Billions of image pixels recorded by the Copernicus Sentinel-2 mission have been used to generate a high-resolution map of land-cover dynamics across Earth’s landmasses. This map also depicts the month of the peak of vegetation and gives new insight into land productivity.
Using three years’ worth of optical data, the map can indicate the time of vegetation peak and variability of vegetation across seasons. Developed by GeoVille, an Austrian company specialised in the analysis of satellite data, this land-cover map dynamics map uses Copernicus Sentinel-2 archive data from 2015-18, and gives a complete picture of variations of vegetation. The map is displayed at a resolution of 20 m, however a 10 m version is available on request.
It can, for example, support experts working with land-cover classification and can serve as input for services in areas such as agriculture, forestry and land-degradation assessments.
“In particular, we use this as a basis to develop services for the agrofood industry and farmers growing potatoes and other crops, as well as information on how vegetation changes over the year,” explains Eva Haas, Head of GeoVille’s Agricultural Unit.
The land-cover dynamic layer was produced with GeoVille’s processing engine LandMonitoring.Earth, a fully-automated land-monitoring system built on data streams from the Copernicus Sentinel-1 and Sentinel-2 missions, as well as ESA third party missions such as the US Landsat.
“Using the system, we processed the complete Copernicus Sentinel-2 image archive along with artificial intelligence, machine learning and big data analytics,” explains Michael Riffler, Head of Research and Development at GeoVille.
“However, the key is the dense time-series of the Copernicus Sentinel-2 data which allows this information to be retrieved for the first time.
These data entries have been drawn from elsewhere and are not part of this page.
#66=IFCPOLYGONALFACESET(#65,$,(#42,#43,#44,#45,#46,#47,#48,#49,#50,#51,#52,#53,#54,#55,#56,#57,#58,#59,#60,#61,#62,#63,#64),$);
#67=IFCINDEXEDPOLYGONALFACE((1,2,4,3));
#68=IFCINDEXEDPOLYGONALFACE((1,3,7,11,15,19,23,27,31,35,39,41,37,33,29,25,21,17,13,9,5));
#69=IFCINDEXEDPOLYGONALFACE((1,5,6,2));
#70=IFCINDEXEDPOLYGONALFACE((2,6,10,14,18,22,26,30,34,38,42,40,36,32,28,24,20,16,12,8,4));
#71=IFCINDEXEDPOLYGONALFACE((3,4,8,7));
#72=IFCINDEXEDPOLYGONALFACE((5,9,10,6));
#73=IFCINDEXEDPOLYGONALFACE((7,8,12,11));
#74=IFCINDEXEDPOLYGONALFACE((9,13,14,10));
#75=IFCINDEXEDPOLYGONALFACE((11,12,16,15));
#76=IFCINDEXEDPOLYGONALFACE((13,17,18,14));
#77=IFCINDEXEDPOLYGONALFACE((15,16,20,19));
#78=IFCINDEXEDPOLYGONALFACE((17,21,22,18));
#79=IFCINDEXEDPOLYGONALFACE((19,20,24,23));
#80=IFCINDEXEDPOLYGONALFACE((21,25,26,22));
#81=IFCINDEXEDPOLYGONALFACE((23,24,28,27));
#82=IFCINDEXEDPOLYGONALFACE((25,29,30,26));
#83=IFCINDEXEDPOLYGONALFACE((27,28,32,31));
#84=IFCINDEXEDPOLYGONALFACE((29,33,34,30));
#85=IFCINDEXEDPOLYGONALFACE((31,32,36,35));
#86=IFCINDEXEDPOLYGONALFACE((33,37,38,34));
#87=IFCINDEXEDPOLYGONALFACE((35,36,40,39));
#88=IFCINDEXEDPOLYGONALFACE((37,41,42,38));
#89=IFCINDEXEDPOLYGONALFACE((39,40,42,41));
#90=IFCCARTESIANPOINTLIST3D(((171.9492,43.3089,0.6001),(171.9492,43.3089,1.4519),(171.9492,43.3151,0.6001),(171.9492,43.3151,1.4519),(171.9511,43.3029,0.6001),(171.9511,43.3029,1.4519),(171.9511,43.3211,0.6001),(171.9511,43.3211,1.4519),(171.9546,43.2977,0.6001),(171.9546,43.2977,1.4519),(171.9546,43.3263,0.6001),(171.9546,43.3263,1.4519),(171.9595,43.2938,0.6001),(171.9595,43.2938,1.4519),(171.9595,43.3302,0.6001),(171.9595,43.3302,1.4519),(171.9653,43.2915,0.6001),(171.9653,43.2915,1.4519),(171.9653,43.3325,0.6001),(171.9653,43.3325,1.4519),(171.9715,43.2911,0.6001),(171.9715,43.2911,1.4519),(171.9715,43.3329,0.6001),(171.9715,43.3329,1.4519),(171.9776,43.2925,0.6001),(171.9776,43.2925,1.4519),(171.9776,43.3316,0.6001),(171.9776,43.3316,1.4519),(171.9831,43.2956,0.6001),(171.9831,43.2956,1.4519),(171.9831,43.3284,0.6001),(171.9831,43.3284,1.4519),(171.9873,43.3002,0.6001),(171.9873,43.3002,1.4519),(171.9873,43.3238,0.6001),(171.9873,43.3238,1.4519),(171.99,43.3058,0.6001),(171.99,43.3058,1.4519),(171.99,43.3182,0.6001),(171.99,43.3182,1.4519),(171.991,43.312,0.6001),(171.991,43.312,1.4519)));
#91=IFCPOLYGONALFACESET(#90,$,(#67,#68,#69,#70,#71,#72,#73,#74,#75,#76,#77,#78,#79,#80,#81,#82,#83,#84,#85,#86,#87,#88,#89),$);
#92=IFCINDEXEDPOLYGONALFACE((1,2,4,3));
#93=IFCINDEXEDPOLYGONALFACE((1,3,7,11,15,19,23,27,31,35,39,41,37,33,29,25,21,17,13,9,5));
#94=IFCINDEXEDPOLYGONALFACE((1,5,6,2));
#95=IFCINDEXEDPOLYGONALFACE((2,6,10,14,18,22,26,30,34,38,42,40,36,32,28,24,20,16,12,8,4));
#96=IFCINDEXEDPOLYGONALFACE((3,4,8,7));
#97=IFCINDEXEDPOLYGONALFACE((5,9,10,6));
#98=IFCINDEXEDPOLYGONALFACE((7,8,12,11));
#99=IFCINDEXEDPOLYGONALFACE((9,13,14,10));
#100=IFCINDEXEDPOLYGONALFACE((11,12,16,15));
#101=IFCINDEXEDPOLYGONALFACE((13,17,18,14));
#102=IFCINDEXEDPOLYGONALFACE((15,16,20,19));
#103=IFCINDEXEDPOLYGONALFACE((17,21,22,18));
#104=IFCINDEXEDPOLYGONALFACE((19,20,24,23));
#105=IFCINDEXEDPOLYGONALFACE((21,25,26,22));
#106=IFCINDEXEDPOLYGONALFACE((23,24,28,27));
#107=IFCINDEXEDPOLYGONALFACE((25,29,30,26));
To date, we have processed more than 23 billion pixels.”
The development has been done through ESA’s Earth observation innovation hub – ɸ-lab, and has been implemented by GeoVille and its subsidiary in the Netherlands – GEO4A.
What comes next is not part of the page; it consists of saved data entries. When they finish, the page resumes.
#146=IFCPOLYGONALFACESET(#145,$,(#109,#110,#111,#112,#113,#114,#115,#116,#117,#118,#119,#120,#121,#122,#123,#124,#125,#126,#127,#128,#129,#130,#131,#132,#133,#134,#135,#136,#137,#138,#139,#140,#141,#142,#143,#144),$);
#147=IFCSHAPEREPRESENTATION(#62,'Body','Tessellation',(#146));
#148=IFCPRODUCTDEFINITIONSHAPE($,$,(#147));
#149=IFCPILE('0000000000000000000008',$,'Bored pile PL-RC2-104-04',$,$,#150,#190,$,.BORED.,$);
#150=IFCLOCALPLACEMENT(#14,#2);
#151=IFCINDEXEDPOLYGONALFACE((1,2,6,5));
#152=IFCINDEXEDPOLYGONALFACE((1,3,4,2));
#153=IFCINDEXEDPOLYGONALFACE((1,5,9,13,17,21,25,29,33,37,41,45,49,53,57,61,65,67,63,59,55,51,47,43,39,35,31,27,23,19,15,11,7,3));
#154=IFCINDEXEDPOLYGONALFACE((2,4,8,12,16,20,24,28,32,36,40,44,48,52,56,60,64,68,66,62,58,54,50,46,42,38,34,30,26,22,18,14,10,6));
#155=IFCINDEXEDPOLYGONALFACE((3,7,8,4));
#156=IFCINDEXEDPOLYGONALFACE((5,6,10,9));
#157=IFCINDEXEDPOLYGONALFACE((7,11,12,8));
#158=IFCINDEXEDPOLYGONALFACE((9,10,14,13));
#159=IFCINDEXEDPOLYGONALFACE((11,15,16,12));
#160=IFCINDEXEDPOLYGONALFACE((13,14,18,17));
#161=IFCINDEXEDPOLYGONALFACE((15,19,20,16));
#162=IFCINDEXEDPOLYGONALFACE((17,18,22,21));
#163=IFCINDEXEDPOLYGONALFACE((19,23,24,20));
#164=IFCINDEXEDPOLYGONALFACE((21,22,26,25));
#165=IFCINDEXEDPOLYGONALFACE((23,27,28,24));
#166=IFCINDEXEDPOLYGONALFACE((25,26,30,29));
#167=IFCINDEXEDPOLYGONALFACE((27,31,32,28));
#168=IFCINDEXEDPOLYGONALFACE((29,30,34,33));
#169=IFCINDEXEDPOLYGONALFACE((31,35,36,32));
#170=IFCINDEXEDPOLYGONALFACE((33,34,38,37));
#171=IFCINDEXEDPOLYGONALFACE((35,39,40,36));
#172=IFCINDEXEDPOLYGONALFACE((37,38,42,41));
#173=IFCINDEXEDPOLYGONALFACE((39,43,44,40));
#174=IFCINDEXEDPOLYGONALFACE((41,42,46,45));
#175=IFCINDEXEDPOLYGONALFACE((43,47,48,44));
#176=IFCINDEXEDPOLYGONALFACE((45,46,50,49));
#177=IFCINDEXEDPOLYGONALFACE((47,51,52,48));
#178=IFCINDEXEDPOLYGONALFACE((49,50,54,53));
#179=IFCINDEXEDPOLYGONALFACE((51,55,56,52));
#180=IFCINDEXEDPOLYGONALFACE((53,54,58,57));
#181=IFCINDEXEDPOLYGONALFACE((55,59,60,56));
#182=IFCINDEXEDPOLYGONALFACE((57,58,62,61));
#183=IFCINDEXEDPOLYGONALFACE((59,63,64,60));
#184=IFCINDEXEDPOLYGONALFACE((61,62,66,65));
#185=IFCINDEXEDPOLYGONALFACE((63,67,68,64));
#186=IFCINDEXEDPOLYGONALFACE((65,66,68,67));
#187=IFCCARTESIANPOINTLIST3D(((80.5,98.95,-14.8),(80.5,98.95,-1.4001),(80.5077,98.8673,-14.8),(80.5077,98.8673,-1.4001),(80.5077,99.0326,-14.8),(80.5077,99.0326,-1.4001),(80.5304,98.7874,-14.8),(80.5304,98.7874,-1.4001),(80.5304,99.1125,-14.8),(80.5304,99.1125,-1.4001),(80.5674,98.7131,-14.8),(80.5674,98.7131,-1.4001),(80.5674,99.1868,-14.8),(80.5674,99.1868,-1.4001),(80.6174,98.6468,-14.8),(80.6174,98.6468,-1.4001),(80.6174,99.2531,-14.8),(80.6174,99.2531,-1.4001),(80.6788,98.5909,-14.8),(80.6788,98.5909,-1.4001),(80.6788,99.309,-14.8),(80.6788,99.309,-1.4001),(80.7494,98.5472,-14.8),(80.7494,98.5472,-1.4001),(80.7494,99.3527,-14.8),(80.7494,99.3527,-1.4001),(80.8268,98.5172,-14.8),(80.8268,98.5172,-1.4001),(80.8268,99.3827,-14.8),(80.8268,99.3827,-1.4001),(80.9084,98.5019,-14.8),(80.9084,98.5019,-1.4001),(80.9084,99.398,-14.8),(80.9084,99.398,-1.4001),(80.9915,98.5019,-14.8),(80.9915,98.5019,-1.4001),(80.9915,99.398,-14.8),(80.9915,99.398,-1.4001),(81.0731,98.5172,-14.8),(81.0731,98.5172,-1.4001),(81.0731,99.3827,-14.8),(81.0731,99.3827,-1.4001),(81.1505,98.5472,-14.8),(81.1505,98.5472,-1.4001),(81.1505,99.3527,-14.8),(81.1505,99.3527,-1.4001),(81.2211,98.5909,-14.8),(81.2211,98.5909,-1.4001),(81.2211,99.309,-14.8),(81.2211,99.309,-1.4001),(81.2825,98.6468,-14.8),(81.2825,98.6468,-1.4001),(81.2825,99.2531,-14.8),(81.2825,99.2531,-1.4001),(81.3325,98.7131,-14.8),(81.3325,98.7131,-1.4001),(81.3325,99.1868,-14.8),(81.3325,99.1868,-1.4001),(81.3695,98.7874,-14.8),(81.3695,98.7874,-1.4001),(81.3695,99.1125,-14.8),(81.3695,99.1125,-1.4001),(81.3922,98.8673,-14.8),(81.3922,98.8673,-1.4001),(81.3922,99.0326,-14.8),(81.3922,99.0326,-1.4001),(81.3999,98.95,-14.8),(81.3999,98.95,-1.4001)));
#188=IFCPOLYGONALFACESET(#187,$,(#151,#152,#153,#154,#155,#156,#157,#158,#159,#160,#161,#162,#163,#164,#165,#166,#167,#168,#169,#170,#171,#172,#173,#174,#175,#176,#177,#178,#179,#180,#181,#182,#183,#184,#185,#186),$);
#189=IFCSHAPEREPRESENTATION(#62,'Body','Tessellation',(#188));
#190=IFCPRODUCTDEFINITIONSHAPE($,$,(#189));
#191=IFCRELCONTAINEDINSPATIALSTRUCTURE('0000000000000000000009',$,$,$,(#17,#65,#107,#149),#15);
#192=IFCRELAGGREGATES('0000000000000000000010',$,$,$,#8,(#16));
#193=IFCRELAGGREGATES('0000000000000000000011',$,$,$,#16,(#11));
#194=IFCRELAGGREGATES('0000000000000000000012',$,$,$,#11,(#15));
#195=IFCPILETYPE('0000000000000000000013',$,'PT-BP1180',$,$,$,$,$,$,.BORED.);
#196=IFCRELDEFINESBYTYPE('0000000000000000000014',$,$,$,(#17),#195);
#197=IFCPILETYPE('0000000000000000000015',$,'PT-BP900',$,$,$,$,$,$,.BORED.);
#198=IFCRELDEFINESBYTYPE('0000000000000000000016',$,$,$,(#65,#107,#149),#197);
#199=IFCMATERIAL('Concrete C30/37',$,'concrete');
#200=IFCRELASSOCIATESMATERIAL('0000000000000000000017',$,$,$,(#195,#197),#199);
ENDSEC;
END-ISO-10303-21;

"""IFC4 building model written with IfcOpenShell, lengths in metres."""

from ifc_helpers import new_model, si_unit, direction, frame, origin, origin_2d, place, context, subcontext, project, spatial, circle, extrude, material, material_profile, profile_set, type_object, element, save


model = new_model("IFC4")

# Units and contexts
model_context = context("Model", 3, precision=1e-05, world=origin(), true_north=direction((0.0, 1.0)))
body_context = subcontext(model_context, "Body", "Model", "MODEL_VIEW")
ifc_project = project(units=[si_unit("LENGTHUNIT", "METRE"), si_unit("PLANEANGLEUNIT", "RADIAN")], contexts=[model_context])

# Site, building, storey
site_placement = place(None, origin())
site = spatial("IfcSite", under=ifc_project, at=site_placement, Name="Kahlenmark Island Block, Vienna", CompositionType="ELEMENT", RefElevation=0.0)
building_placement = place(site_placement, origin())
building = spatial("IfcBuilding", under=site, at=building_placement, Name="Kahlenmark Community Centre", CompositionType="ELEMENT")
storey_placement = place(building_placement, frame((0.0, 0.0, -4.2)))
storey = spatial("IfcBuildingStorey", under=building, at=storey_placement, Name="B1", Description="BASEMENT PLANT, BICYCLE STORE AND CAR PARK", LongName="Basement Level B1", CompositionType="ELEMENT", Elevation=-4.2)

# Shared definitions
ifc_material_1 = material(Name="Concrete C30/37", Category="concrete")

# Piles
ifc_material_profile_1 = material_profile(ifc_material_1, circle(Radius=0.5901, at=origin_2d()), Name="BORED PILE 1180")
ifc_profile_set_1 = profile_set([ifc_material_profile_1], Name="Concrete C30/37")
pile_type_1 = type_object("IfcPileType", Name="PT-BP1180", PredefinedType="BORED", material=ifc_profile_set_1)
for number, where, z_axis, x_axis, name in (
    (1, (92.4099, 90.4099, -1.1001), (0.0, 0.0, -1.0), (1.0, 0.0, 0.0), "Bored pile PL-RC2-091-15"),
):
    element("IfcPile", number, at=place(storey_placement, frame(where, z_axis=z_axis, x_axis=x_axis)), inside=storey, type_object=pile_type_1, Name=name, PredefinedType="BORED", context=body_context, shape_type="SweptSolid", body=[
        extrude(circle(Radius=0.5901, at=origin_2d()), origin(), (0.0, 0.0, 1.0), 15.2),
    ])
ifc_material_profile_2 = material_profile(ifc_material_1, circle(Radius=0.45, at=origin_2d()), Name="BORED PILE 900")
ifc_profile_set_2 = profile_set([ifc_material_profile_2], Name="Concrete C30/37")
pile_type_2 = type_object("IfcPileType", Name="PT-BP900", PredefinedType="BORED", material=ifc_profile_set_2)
“This map forms an excellent foundation for other – more specialised – land cover classifications, whose development and deployment can be further accelerated by applying machine learning and AI,” says Iarla Kilbane-Dawe, the head of ESA’s Φ-Lab in Frascati, Italy.
The LandMonitoring.Earth system is designed to efficiently implement major client solutions such as the European Copernicus Land Monitoring Service products. Experts can specify desired land monitoring data for any place on the globe for any given time period, and receive a quality-controlled output, depending on the required geographic coverage and frequency.
The idea is to make information available to non-experts along with the specific resources and tools that they need.